Worryingly, the SBP said, Pakistan pays more in subsidies than regional gas exporters. The most disturbing aspect being that its subsidy bill is comparable to Uzbekistan, which is a significant gas exporter.
Households get subsidised gas at the cost of CNG users whereas the commercial sector pays a much higher price. “Households also get preference when it comes to distribution of the resource.”
This has led to an increase in household consumption since 2005 whereas other sectors like CNG, power and industry saw a decline.
“In our view, it makes more sense to give higher priority to power or industry, which have extensive economic linkages, and contribute directly to employment generation.”

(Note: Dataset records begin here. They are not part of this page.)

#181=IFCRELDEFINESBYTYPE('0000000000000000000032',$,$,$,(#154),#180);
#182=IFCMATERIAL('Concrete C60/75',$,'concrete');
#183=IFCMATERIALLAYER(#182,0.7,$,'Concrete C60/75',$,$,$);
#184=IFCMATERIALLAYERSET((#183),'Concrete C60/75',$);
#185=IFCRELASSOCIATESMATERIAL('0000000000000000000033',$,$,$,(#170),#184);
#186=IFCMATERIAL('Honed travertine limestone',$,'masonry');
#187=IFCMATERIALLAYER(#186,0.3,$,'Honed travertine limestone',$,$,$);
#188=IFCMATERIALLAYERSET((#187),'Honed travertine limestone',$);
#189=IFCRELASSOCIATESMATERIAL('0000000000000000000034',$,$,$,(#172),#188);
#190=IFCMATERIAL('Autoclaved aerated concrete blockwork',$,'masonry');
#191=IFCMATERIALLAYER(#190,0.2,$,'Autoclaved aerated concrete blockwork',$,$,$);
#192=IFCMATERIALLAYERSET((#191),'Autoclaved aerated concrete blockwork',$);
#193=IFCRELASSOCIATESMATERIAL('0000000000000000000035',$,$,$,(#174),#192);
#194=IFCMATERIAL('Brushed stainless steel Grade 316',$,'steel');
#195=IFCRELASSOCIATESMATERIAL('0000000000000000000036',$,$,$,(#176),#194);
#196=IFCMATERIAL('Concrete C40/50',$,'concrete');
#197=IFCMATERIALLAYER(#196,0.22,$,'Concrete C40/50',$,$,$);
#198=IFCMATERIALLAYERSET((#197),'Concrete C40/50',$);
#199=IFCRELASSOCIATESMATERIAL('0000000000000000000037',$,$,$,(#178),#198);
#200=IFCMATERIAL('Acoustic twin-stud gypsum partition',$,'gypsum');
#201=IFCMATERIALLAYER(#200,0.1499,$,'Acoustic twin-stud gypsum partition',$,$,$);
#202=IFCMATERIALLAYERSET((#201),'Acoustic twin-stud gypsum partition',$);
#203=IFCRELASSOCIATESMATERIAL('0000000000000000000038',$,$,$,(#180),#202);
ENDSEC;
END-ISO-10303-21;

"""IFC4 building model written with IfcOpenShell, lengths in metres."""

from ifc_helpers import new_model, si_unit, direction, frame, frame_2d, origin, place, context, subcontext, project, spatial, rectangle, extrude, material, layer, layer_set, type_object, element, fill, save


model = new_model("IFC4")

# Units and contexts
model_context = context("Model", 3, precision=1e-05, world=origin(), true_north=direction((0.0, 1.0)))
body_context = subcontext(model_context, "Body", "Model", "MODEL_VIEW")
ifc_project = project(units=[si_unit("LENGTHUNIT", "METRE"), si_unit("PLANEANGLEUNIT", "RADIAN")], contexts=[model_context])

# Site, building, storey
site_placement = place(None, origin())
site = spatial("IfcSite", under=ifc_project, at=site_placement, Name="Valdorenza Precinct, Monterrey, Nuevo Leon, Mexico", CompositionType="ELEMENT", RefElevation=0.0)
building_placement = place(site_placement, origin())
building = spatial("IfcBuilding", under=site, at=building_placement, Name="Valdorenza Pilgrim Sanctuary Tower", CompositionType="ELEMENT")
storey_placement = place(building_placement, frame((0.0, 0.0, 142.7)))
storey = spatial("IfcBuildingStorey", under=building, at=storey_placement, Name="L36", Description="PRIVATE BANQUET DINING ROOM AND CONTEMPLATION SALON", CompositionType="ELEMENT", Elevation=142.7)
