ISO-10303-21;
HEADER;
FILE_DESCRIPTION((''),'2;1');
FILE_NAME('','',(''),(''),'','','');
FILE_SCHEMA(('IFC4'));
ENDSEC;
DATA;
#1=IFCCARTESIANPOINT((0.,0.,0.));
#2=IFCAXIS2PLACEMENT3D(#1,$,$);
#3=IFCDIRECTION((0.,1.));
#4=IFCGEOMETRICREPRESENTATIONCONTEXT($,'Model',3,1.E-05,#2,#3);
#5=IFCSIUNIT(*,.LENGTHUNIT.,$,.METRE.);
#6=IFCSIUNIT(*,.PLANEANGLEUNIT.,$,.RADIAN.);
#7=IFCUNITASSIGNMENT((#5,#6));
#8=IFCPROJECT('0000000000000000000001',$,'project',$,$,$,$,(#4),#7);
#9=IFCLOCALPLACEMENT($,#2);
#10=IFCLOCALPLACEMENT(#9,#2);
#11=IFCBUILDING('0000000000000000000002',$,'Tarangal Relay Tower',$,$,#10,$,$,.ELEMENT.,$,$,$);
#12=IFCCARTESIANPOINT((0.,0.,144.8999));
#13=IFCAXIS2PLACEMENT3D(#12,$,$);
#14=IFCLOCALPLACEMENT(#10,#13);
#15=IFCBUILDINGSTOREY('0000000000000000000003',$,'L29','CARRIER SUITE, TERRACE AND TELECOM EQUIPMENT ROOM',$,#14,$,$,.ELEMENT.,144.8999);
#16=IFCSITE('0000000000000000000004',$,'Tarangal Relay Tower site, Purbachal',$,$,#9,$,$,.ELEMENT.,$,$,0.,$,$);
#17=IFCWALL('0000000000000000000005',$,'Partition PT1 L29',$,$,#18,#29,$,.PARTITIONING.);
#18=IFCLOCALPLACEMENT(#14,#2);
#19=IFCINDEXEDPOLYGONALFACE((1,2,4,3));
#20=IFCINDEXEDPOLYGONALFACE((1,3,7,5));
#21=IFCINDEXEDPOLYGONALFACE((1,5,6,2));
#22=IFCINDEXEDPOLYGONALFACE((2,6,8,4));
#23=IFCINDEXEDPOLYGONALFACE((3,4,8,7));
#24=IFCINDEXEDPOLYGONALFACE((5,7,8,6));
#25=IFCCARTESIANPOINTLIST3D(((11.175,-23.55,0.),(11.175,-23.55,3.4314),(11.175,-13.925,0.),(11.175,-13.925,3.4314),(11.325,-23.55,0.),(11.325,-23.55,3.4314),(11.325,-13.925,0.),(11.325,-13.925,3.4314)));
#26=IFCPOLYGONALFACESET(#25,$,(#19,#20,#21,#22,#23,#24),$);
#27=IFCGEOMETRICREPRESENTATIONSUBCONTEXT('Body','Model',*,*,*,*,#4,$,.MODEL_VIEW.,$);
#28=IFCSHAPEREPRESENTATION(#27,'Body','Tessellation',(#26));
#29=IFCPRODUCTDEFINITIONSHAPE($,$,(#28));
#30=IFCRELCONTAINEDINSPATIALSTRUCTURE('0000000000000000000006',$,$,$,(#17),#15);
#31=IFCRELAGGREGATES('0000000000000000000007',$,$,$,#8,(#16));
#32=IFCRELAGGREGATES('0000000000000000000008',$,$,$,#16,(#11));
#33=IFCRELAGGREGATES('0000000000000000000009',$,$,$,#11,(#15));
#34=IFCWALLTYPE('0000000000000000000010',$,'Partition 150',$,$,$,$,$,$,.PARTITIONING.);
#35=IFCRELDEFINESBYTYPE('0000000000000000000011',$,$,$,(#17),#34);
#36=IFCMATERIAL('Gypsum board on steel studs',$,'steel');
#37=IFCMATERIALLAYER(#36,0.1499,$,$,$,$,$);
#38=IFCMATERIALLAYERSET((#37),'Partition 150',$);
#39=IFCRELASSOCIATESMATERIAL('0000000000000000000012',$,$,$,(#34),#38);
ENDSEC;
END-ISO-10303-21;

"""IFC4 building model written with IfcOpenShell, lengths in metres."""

from ifc_helpers import new_model, si_unit, direction, frame, frame_2d, origin, place, context, subcontext, project, spatial, rectangle, extrude, material, layer, layer_set, type_object, element, save


model = new_model("IFC4")

# Units and contexts
model_context = context("Model", 3, precision=1e-05, world=origin(), true_north=direction((0.0, 1.0)))
body_context = subcontext(model_context, "Body", "Model", "MODEL_VIEW")
ifc_project = project(units=[si_unit("LENGTHUNIT", "METRE"), si_unit("PLANEANGLEUNIT", "RADIAN")], contexts=[model_context])

# Site, building, storey
site_placement = place(None, origin())
site = spatial("IfcSite", under=ifc_project, at=site_placement, Name="Tarangal Relay Tower site, Purbachal", CompositionType="ELEMENT", RefElevation=0.0)
building_placement = place(site_placement, origin())
building = spatial("IfcBuilding", under=site, at=building_placement, Name="Tarangal Relay Tower", CompositionType="ELEMENT")
storey_placement = place(building_placement, frame((0.0, 0.0, 144.8999)))
storey = spatial("IfcBuildingStorey", under=building, at=storey_placement, Name="L29", Description="CARRIER SUITE, TERRACE AND TELECOM EQUIPMENT ROOM", CompositionType="ELEMENT", Elevation=144.8999)

# Wall
ifc_material_1 = material(Name="Gypsum board on steel studs", Category="steel")
ifc_layer_1 = layer(ifc_material_1, 0.1499)
ifc_layer_set_1 = layer_set([ifc_layer_1], Name="Partition 150")
wall_type_1 = type_object("IfcWallType", Name="Partition 150", PredefinedType="PARTITIONING", material=ifc_layer_set_1)
wall_1_placement = place(storey_placement, frame((11.25, -23.55, 0.0), z_axis=(0.0, 0.0, 1.0), x_axis=(0.0, 1.0, 0.0)))
element("IfcWall", 1, at=wall_1_placement, inside=storey, type_object=wall_type_1, Name="Partition PT1 L29", PredefinedType="PARTITIONING", context=body_context, shape_type="SweptSolid", body=[
    extrude(rectangle(XDim=9.625, YDim=0.1499, at=frame_2d((4.8125, 0.0))), origin(), (0.0, 0.0, 1.0), 3.4314),
])

save(model, "model.ifc")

A large number of cottage industries based in Sindh and Punjab that are registered as household consumers add to the pressure on the system. “Informal economic activity not only increase household consumption but also extends gas subsidy to the informal sector.”
Guaranteed return
The report said there is actually an incentive for SSGC and SNGPL to extend connections to households. The gas pricing policy promises a 17% guaranteed return on fixed assets to the utilities, which in turn encourages them to increase the fixed cost especially by expanding connections to domestic consumers.
This flaw in the gas pricing framework also inadvertently relegates maintenance of existing pipelines to a low priority. “As a consequence, the loss of gas has been increasing over the past several years.”
The report said gas utilities can save up to 52.6 billion cubic feet by reducing the gas loss in the pipelines, which is savings of billions of rupees.
Better off without fertiliser firms
For the right use of the depleting resource, the SBP suggested that fertiliser plants should be shut and gas be diverted to power plants.
It calculates that $1.41 billion could have been saved in 2013-14 if gas was diverted to the power sector from fertiliser plants. The savings being the result of lower import bill of furnace oil.
This change in the gas allocation policy would have yielded net fiscal savings of Rs163 billion primarily due to the reduction in power subsidy, it said.
Almost 70% of gas-based power plants remained idle last year because of shortages.
“This simple analysis proves the need to revisit the existing gas allocation policy. It also states that higher priority should be given to the power sector, which is the backbone of the economy.”
The writer is a staff correspondent
Published in The Express Tribune, December 15th, 2014.